Punch shifted to a four-day week last year, just months into the coronavirus pandemic. According to Richard Lowes, creative director at Punch, the pandemic cleared the way for the policy to become reality. “The four-day week was something we’d read about happening in Sweden and New Zealand. Perhaps if Covid hadn’t come along, it would have stayed as a pipe dream.

“But Covid coming along helped us see that the working day could be different, that change could happen.

“You know what it’s like when you’ve got a bank holiday – it’s a complete mindset change. Your relationship to the counterbalance of your free time to work time, that shift seems huge.

“You don’t get much time to recharge in the creative industry and obviously a lot of our time is spent in creative pursuits. So we hoped it would enrich people’s creative lives as well, which I think it has done – and it’s made people happier all around and given them a good reason to come and work at Punch.”

While Punch has seen commercial benefits – Lowes says its client engagement is up 20% – he asserts: “We did it because we wanted to do it, and we felt it was a better way to live and work.”

Punch’s 20 staff don’t work Fridays and didn’t take a pay cut – instead they work longer days Monday to Thursday. “We simply make the working week more efficient around four days, so we don’t lose very much time.”

Lowes explains: “Friday afternoon, we always saw a huge lull in email traffic and across the country people get off early – you just have far less going on. And like many businesses we let people tip off early if they were going away for a weekend or whatever. So even just saying ‘let’s take off Friday afternoon’ started to make it possible in one step.

“We work a slightly longer day Monday through Thursday and people have a slightly condensed lunch hour because they all agreed that they didn’t usually use the whole hour. So we said, ‘OK, if we trim the fat off our working days and not do Friday, is that a good idea?’ That kept it really simple.”

Settling on a formula that worked required plenty of consultation with the wider team. Lowes says: “We didn’t just dictate it, it was a series of conversations.”

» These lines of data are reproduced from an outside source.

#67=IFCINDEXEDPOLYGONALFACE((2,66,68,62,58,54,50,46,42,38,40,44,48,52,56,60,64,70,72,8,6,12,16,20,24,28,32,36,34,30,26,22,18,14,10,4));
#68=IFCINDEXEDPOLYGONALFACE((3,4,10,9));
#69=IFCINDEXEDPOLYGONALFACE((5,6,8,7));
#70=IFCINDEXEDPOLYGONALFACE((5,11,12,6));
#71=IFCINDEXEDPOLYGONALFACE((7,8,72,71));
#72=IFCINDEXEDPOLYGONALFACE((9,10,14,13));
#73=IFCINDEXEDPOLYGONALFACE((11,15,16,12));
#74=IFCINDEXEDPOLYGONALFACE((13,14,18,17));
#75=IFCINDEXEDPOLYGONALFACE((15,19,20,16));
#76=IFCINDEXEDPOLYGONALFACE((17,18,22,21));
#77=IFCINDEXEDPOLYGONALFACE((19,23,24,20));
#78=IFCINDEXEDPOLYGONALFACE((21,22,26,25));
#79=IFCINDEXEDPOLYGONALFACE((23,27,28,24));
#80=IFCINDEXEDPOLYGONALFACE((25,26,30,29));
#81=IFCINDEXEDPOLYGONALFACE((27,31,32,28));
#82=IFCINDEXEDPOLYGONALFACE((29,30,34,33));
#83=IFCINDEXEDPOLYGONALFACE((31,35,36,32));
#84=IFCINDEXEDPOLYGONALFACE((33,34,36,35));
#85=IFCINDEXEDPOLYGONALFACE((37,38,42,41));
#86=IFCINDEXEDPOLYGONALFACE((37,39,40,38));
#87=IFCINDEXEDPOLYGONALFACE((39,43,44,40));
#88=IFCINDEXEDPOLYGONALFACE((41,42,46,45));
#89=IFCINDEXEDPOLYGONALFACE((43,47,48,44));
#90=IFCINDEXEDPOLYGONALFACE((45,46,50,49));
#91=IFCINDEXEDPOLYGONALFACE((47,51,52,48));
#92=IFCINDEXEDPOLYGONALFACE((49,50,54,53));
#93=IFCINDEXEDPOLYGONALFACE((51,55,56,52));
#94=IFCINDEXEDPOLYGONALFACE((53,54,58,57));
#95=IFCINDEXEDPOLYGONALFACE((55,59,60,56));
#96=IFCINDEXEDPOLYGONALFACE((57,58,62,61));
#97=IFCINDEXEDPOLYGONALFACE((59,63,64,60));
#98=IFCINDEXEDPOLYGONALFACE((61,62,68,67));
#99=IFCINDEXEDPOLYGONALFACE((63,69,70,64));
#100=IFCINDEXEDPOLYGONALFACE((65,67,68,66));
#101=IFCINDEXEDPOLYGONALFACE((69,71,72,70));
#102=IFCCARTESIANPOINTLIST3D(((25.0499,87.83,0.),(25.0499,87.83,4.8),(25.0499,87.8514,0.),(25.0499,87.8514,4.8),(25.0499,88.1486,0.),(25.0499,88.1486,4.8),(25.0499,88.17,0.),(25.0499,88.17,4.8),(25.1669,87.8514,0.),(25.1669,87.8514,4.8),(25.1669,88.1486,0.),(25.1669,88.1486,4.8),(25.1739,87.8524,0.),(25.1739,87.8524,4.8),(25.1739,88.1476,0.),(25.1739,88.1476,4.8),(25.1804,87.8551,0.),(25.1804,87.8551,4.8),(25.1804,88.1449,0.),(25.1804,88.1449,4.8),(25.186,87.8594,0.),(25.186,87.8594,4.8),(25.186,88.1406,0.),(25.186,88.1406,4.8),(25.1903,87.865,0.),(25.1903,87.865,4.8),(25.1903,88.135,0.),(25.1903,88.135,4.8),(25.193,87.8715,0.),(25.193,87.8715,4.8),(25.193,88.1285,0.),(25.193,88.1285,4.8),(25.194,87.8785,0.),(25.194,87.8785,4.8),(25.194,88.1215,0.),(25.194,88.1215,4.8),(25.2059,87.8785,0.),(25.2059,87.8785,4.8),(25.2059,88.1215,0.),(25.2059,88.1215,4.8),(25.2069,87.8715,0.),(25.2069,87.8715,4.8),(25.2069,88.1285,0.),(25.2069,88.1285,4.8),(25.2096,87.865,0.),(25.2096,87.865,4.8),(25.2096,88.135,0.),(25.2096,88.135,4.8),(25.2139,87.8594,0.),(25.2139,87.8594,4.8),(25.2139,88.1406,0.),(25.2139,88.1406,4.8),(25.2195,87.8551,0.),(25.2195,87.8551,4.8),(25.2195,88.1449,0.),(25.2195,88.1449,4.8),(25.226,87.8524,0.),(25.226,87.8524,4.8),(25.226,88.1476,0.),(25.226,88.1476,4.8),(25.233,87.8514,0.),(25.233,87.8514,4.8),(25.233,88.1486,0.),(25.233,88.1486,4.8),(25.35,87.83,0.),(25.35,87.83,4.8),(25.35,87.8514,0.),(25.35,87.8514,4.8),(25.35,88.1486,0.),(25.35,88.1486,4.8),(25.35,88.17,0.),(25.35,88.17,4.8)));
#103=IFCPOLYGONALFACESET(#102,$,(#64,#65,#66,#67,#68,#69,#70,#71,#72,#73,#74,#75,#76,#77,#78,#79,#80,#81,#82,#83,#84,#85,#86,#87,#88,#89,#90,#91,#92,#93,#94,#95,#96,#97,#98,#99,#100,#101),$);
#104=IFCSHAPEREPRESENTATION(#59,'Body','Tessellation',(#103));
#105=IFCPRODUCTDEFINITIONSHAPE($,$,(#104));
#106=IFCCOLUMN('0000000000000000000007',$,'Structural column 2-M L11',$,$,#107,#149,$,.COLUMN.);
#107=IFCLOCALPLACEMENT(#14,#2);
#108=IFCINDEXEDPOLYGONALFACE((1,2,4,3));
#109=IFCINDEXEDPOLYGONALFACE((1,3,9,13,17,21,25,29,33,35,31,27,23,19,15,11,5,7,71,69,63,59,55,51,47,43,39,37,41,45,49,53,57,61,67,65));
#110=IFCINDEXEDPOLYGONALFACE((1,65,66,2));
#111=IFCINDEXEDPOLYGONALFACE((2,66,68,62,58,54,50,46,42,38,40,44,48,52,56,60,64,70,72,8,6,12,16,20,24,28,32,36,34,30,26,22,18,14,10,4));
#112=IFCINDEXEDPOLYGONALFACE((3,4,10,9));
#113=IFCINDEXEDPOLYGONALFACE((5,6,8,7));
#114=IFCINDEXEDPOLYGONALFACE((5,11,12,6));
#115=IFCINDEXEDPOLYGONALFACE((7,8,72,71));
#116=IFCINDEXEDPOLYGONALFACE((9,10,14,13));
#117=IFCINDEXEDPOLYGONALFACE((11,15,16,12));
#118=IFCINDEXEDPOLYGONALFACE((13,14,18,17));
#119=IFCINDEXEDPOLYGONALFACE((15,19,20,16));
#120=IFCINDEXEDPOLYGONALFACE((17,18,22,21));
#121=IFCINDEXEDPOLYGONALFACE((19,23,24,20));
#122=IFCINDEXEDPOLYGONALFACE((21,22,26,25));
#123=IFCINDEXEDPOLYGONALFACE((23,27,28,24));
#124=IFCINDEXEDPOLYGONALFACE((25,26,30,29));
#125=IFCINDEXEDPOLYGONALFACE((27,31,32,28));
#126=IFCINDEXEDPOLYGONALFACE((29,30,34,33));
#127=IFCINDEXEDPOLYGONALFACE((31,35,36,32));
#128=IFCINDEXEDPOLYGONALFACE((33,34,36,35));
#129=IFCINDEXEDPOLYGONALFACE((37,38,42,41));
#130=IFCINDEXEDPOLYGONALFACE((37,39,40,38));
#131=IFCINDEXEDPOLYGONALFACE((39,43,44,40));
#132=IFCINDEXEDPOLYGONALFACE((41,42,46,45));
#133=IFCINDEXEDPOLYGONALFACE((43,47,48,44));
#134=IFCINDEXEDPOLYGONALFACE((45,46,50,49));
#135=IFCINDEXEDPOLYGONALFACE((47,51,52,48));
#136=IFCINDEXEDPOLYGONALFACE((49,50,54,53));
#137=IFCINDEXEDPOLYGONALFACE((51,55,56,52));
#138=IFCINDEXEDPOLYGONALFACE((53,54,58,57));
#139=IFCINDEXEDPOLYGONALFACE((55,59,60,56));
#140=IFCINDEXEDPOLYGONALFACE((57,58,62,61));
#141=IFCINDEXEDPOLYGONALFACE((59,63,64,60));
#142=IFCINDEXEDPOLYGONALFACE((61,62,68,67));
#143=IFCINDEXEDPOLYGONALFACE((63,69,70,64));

Punch also considered a range of variations – including splitting the team into shifts to ensure someone was working on Fridays, while making it an overall four-day week. But, Lowes says, “it just became more convoluted than it needed to be.”

One potential obstacle? The company’s offices. Punch’s premises, a restored chapel in west Yorkshire, now sees one day without use by its team, which is currently working in-person at least three days a week.

“It is an interesting one ... in the doldrums of Covid we thought, ‘Gosh, the building has become a white elephant overnight,’” Lowes reflects. But Punch owns its premises, and has been able to let out sections of the building to other businesses – meaning that fifth day hasn’t been sent down the drain.

As well as the personal benefits, the policy has helped Punch’s recruitment efforts. “We’ve had far more applications for available roles that have come up in the last six to 12 months than we’ve ever had before. We’ve even had one member of staff return, having left to join another agency.

“We don’t plan to change back – definitely not.”